If you're looking for internal networking go with Digital Ocean.

From my point of view, for a CPanel server I always try to get at least 2 IP's, in this case is a bit difficult with both providers.


----------



## devonblzx (Aug 21, 2014)

It depends what your definition of cloud server is.  DO and Vultr are only instant deployment and hourly billing.  That is the extent of their cloud.  Other than that they are just standard virtual machines running on SSD.

AFAIK neither run high availability or a duplicated/shared storage system that most cloud hosts exhibit.   They both do a good job in the marketing department though.


----------



## sv01 (Aug 21, 2014)

Gubenor said:


> I was looking up some new cloud providers and these 3 (mainly digital ocean and vultr) seem to be generating a lot of buzz. Anybody use all 3 yet? What has been the best for uptime and performance? The cost seems good with all of them, I just want a reliable cloud to host one or two cpanel VPS servers.
> 
> Thanks!!


I use all of them.


VULTR (use for backup server)

 11:43:35 up 151 days,  1:48,  1 user,  load average: 0.06, 0.08, 0.06

DO : SG Location not stable in speed and uptime.

 11:42:15 up 31 days, 23:59,  1 user,  load average: 0.08, 0.03, 0.05

M1 : I only use them for 1 -2 week, because I'm confused with their control panel.

from 3 of them I still prefer using vultr.  If you intend to use them for cPanel, remember their $20 (DO)/$15(vultr) plan just have 2 core.



thekreek said:


> From my point of view, for a CPanel server I always try to get at least 2 IP's, in this case is a bit difficult with both providers.


you can add more IP with vultr.


----------



## Dylan (Aug 22, 2014)

Mothership1 has the absolute worst control panel I've ever seen, by a landslide. It's like a case-study in how *not* to make a custom panel.

Equally damning is the fact that their VM performance, at least when I tried one a couple months back, is decidedly mediocre. I wish I'd saved my ServerBear link but suffice it to say there were no real bright spots anywhere, even compared to DO.


----------



## DomainBop (Aug 22, 2014)

Dylan said:


> Mothership1 has the absolute worst control panel I've ever seen, by a landslide. It's like a case-study in how *not* to make a custom panel.
> 
> Equally damning is the fact that their VM performance, at least when I tried one a couple months back, is decidedly mediocre. I wish I'd saved my ServerBear link but suffice it to say there were no real bright spots anywhere, even compared to DO.


The performance was mediocre _when_ the networking in their system was working: problems with IP assignments on new instances, ports that would suddenly stop forwarding leaving the instance inaccessible.  It felt like an early beta not a ready for production system to me when I tried it....and the system (at least in Toronto) also felt like it was overloaded most of the time.

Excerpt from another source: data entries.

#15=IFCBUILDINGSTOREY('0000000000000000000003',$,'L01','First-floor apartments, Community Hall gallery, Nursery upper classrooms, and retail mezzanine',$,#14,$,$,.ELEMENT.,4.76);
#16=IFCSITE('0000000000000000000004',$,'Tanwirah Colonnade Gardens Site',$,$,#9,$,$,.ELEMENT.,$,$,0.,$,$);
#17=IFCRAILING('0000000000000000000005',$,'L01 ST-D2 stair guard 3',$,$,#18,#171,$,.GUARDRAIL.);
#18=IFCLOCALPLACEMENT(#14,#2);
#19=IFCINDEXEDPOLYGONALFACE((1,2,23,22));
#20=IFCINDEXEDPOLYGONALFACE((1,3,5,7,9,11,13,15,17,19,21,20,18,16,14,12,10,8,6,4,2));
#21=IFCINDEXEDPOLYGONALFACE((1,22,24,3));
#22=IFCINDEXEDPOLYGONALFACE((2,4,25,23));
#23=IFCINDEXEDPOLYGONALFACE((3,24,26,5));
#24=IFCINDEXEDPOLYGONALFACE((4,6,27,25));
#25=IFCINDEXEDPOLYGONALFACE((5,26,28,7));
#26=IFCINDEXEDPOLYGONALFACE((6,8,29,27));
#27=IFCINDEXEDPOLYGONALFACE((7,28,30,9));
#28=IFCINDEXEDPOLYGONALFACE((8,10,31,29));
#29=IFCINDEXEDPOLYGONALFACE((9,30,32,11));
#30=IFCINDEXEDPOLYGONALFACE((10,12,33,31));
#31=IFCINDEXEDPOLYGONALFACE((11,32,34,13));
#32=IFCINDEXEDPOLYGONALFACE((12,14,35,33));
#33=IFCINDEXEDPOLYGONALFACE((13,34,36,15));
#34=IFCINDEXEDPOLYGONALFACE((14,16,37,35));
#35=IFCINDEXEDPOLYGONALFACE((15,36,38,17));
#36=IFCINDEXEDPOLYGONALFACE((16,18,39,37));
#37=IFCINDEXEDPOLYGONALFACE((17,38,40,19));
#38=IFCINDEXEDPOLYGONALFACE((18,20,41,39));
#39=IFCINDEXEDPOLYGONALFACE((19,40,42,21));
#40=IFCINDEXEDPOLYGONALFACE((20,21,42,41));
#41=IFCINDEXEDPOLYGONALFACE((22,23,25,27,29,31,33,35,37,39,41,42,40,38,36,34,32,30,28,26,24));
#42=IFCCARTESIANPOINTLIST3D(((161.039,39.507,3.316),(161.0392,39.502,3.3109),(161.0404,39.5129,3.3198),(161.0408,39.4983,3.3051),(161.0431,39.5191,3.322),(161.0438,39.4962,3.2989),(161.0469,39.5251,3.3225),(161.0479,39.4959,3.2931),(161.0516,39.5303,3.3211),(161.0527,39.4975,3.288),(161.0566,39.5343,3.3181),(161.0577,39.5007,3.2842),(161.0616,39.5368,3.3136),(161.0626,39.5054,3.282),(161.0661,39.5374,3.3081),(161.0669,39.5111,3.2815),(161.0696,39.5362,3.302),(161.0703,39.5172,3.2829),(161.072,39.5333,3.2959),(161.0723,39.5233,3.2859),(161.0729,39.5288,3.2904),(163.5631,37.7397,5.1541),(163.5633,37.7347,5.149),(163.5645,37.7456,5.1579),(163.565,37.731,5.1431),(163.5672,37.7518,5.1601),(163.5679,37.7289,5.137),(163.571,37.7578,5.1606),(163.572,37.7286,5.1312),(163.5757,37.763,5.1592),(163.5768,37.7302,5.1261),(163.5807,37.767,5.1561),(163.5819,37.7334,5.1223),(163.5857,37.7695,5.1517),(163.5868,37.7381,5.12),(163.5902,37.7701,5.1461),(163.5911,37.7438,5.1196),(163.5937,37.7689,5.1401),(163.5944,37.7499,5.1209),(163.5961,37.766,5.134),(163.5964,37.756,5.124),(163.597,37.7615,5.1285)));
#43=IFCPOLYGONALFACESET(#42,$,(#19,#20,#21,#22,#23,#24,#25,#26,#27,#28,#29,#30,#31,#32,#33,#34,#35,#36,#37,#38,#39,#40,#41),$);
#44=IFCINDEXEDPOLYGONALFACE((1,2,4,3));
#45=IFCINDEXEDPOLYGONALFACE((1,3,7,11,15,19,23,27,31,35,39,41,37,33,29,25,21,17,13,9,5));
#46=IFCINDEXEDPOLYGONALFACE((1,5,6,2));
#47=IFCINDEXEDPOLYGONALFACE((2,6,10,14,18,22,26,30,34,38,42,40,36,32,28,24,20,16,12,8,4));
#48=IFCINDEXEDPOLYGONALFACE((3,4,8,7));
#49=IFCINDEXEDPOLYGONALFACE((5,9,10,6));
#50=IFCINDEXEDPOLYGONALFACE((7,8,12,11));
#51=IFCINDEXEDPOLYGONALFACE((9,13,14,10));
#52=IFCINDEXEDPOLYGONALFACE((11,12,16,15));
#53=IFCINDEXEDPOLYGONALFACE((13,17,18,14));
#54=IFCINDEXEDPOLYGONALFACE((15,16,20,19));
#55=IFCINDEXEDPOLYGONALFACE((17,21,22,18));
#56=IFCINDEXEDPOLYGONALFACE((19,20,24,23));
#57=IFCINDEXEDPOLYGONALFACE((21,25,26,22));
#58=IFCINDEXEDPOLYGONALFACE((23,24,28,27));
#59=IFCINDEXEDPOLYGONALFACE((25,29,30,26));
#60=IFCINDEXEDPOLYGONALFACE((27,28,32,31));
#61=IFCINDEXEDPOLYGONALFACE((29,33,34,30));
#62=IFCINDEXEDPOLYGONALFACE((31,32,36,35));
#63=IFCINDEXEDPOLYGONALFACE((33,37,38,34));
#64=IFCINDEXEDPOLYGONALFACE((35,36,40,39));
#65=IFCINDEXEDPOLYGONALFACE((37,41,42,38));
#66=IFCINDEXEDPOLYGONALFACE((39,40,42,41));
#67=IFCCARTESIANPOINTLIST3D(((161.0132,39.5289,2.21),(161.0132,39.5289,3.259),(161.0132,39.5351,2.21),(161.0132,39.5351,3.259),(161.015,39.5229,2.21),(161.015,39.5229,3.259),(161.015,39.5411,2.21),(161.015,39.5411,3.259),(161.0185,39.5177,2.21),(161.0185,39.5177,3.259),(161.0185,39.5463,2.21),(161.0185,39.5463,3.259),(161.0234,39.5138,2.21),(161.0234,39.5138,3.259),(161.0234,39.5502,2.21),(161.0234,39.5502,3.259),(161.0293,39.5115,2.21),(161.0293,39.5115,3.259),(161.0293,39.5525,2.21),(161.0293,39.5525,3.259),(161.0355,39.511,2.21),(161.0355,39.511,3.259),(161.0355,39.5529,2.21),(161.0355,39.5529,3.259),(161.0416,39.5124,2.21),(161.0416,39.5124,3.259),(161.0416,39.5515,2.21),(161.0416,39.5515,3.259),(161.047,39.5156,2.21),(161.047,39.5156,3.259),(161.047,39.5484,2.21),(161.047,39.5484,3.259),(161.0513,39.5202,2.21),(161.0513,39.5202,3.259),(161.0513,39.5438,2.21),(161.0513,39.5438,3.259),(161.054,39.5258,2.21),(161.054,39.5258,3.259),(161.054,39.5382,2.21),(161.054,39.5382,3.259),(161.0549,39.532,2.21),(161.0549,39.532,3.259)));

> It depends what your definition of cloud server is.  DO and Vultr are only instant deployment and hourly billing.  That is the extent of their cloud.


I consider DO and Vultr to be VPS's not cloud servers. In terms of true HA "clouds"  the 5 that I use and would recommend  are:

CloudVPS (Amsterdam,  OpenStack)

Nephoscale (San Jose, own NephOS platform) _owned by Silicon Valley Web Hosting_

GreenQloud (Reykjavik, CloudStack)

CloudFlow (Milan, OnApp) _owned by SeFlow_

IWStack (Milan, CloudStack) _owned by Prometeus_


----------



## Schultz (Aug 22, 2014)

Neither providers have anything special other than some of them using SSD. I'd go for D.O if it was me. Other than that I'd highly recommend BuyVM or Ramnode.


----------



## AThomasHowe (Aug 22, 2014)

I like Vultr and feel like they're going in a better direction that DO, even though their services are basically equal except a few plan tweaks and locations available.

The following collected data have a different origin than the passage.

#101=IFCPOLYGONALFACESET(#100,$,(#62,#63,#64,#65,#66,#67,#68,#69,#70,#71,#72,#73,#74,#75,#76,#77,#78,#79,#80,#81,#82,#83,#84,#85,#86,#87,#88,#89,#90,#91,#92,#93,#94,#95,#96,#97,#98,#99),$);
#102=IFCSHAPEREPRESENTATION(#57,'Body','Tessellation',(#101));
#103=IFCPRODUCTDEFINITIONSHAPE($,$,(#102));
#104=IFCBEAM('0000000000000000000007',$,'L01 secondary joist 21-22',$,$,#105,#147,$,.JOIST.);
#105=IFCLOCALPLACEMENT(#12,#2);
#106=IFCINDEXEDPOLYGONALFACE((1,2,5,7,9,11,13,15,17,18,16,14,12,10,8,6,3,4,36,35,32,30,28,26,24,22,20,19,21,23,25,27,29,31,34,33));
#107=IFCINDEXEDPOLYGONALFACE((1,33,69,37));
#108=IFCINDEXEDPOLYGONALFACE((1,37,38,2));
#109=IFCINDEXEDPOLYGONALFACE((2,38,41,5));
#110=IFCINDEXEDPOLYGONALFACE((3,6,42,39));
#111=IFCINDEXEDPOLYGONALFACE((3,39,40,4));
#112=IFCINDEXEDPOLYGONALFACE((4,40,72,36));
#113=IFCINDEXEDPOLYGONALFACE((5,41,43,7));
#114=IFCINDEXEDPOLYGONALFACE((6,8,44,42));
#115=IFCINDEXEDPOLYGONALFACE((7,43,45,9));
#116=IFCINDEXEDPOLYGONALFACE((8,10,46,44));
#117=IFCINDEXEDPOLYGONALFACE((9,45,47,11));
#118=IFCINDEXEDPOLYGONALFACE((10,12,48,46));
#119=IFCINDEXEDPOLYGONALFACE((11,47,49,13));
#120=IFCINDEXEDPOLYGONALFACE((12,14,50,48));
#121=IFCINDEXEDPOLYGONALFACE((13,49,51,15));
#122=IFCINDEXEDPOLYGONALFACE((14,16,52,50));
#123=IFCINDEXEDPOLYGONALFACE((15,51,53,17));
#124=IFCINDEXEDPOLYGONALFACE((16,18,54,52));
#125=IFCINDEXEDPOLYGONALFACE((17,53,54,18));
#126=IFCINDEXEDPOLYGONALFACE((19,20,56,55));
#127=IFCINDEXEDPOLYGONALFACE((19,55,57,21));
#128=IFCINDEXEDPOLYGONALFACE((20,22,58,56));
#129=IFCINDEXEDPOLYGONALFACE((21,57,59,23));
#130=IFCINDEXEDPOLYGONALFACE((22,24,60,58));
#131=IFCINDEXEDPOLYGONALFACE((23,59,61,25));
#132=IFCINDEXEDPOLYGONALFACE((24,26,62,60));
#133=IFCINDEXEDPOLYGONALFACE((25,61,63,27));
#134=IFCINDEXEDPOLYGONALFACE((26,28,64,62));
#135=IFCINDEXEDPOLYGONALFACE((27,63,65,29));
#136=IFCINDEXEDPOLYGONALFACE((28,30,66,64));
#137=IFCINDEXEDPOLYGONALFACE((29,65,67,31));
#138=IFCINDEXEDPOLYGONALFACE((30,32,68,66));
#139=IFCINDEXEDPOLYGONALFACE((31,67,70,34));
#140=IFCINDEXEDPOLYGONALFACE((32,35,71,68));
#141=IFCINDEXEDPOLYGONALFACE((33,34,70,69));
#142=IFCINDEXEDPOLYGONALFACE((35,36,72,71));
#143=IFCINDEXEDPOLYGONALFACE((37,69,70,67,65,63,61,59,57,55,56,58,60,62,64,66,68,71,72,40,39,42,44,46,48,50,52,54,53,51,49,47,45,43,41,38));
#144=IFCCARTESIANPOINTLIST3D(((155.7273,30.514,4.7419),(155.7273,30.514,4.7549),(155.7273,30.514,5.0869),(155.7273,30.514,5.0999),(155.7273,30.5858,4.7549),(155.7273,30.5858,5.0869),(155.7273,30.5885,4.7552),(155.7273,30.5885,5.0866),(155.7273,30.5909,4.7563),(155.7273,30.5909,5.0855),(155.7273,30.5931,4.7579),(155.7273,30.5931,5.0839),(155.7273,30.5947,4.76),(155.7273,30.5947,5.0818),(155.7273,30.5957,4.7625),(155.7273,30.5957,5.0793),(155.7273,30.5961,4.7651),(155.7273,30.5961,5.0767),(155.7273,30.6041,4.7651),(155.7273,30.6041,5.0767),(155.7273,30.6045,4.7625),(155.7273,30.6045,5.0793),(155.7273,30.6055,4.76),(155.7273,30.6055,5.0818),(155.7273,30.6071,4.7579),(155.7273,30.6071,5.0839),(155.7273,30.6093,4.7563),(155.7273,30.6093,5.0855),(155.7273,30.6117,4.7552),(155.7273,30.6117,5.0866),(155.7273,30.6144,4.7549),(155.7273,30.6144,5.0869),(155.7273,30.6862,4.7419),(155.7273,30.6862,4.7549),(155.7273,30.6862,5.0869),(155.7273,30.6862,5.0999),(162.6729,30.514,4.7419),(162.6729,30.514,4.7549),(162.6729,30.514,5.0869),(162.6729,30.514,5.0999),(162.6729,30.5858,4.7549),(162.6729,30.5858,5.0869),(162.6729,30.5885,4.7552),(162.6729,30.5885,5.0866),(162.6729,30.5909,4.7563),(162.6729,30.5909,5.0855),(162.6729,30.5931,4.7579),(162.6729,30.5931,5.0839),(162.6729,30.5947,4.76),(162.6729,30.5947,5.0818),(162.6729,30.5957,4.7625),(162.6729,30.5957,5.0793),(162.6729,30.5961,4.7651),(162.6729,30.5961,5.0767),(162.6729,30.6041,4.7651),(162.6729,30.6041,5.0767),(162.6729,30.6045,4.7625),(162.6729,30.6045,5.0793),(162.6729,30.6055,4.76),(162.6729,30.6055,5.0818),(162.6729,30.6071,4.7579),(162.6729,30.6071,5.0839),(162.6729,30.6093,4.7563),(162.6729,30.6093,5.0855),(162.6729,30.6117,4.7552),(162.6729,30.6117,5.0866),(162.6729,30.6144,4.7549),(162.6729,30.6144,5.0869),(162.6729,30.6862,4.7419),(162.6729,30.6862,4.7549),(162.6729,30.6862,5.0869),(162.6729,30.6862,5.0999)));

That said, DO keep drawing me back in with free credit and competitions ($50 from ServerBear last) so I am using DO London mainly at the mo and it's pretty good.

Mothership1 seems kinda half assed. Pretty much a bog standard bill-by-the-hour VPS provider with an alien theme (we've never seen the space/alien host thing before, right?).


----------



## datarealm (Aug 22, 2014)

DomainBop said:


> I consider DO and Vultr to be VPS's not cloud servers. In terms of true HA "clouds"  the 5 that I use and would recommend  are:
> 
> CloudVPS (Amsterdam,  OpenStack)
> 
> ...


Blatant self promotion here, but we have an CloudStack platform running in Phoenix if you ever want another stateside option.

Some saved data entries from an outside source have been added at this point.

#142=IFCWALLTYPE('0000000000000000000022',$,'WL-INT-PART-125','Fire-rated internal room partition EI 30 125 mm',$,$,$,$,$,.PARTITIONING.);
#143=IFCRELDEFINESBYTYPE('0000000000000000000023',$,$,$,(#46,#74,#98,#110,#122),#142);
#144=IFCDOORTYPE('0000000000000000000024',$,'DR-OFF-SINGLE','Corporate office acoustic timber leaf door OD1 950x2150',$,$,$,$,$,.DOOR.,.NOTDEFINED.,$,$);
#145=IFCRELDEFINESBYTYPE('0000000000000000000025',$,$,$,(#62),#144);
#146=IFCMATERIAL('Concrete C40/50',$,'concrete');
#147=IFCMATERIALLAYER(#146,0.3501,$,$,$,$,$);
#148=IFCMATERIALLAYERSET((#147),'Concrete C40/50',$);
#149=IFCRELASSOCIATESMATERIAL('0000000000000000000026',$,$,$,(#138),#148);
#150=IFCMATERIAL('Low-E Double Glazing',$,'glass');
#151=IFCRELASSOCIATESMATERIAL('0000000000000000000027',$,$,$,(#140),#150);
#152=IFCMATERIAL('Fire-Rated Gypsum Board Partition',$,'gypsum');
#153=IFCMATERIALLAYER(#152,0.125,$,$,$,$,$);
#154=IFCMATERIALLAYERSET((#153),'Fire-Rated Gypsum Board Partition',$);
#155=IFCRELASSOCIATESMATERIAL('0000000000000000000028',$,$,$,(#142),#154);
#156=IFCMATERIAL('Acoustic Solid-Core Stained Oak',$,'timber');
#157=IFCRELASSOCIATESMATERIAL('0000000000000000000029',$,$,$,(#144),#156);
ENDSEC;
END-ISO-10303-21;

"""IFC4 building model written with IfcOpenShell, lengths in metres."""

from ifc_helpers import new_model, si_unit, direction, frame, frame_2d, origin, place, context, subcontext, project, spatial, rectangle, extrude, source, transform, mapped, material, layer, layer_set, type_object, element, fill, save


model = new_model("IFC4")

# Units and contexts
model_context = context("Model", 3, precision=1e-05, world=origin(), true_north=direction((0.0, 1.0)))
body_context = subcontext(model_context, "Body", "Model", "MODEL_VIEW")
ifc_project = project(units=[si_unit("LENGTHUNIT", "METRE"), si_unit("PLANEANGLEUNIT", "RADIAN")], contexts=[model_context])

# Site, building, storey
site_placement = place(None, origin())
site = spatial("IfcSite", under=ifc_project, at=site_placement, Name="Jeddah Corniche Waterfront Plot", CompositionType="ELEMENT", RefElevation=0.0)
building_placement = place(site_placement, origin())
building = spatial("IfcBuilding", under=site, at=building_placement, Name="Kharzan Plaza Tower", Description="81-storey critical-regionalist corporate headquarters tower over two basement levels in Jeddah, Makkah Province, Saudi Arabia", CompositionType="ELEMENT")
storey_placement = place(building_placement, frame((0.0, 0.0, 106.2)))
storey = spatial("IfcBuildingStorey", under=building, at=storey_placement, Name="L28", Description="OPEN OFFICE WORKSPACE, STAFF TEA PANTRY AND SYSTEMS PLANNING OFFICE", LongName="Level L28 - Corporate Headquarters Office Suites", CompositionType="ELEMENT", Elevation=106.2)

Also thanks for once again pointing out how DO and Vultr are trying to gain some sort of marketing edge calling themselves cloud instead of vps.  True there are no set definitions, but they really do appear to imply more than other companies that they have some sort of technical advantage over 'traditional' vps providers.


----------



## VPSCorey (Aug 22, 2014)

Our new OnApp setup is active.

Arista Switches

SolidFireSAN

2x10GB SAN using MLAG

2x10GB Internet using MLAG

Everything is built 2N


----------



## Francisco (Aug 22, 2014)

Dylan said:


> Mothership1 has the absolute worst control panel I've ever seen, by a landslide. It's like a case-study in how *not* to make a custom panel.


I just saw the screenshots - what the shit?

Francisco


----------



## Dylan (Aug 22, 2014)

DomainBop said:


> It felt like an early beta not a ready for production system to me when I tried it


What's really funny is that stuff that worked (well, "worked") when I used it a couple months ago is apparently now broken:



Useful settings page, no?


----------



## fm7 (Aug 24, 2014)

AThomasHowe said:


> I like Vultr and feel like they're going in a better direction that DO, even though their services are basically equal except a few plan tweaks and locations available.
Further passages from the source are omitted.